A circle C has centre M (6, 4) and radius 3 - Edexcel - A-Level Maths Pure - Question 8 - 2008 - Paper 2

To find the angle TMQ, we need to determine the coordinates of the points T and Q along with point P (12, 6).

1. Calculate the slope of line MP:

   • The coordinates of M are (6, 4) and P are (12, 6).
   • The slope, $m_{MP} = \frac{y_2 - y_1}{x_2 - x_1} = \frac{6 - 4}{12 - 6} = \frac{2}{6} = \frac{1}{3}$.

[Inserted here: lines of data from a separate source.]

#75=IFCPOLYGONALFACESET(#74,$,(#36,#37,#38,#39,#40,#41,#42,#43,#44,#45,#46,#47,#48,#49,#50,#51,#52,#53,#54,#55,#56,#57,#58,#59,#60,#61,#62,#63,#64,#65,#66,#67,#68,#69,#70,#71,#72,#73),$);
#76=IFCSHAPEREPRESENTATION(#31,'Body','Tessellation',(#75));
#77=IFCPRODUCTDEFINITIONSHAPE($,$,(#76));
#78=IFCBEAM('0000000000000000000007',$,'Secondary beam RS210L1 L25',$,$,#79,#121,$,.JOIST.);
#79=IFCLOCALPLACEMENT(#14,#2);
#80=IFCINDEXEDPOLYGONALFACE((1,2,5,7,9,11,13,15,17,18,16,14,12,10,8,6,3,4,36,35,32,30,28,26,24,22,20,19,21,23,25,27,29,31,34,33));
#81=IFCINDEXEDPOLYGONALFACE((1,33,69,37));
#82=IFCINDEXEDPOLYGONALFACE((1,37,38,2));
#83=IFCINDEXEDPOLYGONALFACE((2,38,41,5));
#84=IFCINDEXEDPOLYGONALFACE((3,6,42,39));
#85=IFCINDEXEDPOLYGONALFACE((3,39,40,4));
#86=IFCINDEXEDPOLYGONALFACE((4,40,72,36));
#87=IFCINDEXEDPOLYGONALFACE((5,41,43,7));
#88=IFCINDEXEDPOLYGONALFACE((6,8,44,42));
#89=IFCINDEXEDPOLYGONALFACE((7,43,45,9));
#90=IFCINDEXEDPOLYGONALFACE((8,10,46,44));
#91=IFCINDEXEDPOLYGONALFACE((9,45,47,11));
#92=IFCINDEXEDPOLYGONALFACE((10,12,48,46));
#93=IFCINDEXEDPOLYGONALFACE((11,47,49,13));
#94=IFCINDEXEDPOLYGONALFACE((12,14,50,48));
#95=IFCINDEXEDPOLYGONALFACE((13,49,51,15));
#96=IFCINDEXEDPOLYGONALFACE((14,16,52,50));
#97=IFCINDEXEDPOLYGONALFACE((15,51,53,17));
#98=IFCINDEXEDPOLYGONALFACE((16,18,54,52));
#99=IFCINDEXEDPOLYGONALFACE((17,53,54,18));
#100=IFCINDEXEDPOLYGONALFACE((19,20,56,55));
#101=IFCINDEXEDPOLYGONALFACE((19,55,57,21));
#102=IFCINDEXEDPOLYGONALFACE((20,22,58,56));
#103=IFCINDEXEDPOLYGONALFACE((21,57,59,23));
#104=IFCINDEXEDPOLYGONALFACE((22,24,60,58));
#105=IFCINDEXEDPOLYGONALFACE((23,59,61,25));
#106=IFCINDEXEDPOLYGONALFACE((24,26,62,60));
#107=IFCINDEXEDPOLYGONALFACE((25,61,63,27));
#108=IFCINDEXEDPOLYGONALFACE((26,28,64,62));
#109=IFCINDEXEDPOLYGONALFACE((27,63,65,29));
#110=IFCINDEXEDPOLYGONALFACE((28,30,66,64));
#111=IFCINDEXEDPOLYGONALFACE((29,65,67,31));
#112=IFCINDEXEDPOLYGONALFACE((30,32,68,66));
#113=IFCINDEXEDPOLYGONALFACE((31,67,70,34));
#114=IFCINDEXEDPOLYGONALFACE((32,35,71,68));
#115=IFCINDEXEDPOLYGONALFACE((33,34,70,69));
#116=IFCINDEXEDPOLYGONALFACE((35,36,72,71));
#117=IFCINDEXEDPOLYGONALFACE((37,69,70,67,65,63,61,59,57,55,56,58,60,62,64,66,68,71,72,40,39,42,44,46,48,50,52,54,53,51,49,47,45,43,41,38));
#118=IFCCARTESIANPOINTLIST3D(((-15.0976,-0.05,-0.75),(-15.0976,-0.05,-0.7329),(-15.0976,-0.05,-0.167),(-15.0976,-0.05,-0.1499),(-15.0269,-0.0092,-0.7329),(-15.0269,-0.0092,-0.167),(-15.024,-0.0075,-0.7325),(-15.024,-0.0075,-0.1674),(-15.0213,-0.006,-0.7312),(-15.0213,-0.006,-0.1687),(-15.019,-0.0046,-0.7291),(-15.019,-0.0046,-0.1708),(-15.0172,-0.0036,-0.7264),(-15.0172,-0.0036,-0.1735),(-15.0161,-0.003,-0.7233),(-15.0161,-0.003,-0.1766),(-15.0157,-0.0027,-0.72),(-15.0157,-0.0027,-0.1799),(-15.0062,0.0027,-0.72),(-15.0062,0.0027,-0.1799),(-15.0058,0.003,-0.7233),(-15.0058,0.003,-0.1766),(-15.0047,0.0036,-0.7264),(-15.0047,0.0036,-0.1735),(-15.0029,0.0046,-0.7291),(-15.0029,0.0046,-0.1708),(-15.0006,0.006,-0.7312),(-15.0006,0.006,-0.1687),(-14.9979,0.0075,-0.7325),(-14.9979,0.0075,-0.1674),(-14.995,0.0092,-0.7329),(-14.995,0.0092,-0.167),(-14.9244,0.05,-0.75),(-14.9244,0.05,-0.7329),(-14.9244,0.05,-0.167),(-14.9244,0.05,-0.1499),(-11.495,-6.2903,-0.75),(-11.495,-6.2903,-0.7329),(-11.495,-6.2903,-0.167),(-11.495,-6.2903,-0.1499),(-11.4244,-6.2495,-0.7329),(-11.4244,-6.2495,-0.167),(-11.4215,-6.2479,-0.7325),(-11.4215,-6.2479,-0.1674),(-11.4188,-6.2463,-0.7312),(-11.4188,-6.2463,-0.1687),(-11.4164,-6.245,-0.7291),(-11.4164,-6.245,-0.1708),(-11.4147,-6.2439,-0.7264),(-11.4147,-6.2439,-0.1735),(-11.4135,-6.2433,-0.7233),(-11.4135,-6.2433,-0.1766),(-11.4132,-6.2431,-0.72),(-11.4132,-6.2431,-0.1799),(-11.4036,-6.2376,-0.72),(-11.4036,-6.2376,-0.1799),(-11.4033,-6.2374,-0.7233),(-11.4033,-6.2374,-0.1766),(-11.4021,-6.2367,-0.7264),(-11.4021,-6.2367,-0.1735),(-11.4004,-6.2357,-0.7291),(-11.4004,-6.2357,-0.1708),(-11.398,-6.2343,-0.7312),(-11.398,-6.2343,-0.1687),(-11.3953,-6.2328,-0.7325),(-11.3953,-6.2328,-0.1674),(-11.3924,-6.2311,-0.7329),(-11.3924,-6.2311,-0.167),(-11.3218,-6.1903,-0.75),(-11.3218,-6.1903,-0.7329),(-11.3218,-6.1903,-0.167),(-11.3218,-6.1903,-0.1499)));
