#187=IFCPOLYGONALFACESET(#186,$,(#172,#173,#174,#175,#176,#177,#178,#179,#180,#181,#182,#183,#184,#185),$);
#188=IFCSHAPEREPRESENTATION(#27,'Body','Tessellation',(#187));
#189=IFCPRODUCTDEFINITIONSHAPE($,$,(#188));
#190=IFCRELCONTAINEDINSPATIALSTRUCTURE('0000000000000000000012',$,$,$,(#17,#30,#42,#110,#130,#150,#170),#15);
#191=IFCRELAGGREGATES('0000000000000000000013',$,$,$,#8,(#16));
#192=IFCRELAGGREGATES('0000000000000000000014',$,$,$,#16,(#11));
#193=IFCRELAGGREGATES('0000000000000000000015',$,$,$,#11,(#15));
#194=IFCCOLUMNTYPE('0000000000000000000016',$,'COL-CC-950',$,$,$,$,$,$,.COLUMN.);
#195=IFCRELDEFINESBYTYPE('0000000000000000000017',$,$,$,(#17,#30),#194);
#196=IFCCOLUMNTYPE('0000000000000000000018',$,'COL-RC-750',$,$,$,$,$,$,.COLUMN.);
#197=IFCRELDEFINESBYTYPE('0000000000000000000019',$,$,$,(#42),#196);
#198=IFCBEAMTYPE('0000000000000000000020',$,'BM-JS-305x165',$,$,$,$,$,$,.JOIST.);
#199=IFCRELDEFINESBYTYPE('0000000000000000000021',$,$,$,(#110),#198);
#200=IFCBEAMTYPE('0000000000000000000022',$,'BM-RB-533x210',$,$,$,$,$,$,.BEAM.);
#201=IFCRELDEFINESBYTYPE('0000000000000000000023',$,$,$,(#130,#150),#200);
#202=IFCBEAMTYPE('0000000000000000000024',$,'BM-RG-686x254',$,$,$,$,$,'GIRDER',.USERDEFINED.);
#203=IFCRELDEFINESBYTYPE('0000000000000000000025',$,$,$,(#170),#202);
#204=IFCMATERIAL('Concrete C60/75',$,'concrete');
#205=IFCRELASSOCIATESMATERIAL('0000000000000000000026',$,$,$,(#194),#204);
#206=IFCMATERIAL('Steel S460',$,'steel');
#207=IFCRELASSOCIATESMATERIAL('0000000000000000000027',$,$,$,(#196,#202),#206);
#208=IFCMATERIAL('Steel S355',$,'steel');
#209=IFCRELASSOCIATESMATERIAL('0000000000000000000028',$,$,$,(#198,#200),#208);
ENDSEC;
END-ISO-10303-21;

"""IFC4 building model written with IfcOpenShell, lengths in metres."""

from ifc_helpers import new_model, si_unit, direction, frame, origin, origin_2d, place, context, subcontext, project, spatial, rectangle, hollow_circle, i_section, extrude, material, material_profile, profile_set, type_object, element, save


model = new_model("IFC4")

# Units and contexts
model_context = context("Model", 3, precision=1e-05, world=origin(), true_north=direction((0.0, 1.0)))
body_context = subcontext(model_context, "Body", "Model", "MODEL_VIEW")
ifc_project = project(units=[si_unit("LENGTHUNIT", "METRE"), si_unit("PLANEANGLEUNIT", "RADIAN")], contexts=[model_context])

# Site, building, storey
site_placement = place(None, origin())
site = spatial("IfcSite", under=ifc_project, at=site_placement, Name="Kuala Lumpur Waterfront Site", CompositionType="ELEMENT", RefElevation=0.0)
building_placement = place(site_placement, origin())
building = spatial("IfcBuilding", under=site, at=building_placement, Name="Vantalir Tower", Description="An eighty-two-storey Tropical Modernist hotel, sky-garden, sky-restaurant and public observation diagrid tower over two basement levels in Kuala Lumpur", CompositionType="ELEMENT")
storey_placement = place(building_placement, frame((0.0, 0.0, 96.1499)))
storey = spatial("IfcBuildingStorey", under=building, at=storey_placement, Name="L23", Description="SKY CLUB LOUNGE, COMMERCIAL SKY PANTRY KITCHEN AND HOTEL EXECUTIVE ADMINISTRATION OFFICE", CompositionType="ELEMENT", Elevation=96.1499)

2. The tangent at point T, which lies on the circle, is perpendicular to MP, so:

   • $m_{TQ} = -\frac{1}{m_{MP}} = -3$.

3. Using the coordinates of T and Q (which can be calculated), the angle $heta$ can be found using:

   • $\theta = \tan^{-1}\left|\frac{m_{TMP} - m_{TQ}}{1 + m_{TMP} \cdot m_{TQ}}\right|$

4. By substituting the respective slopes, we can derive the tangent and then calculate the angle TMQ, confirming it equals approximately 1.0766 radians.

The shaded region TPQ can be computed by finding the area of triangle TPQ and subtracting the area of the sector formed by the circle.

1. Area of Triangle TPQ:

   • Use the formula: $\text{Area} = \frac{1}{2} \times \text{base} \times \text{height}$
   • The base TP can be calculated from the coordinates of points T and P.
   • And the height is the perpendicular distance from Q to line TP.

2. Area of the Sector:

   • The angle at the center M corresponding to the arc TQ can be calculated based on the angle TMQ.
   • Then, using the radius, the area of the sector is: $\text{Area}_{sector} = \frac{1}{2} r^2 \theta$ where $heta$ is in radians.

3. Final Area Calculation:

   • The area of the shaded region is: $\text{Area}_{shaded} = \text{Area}_{triangle} - \text{Area}_{sector}$
   • Substitute the values to arrive at the final answer accurate to three decimal places.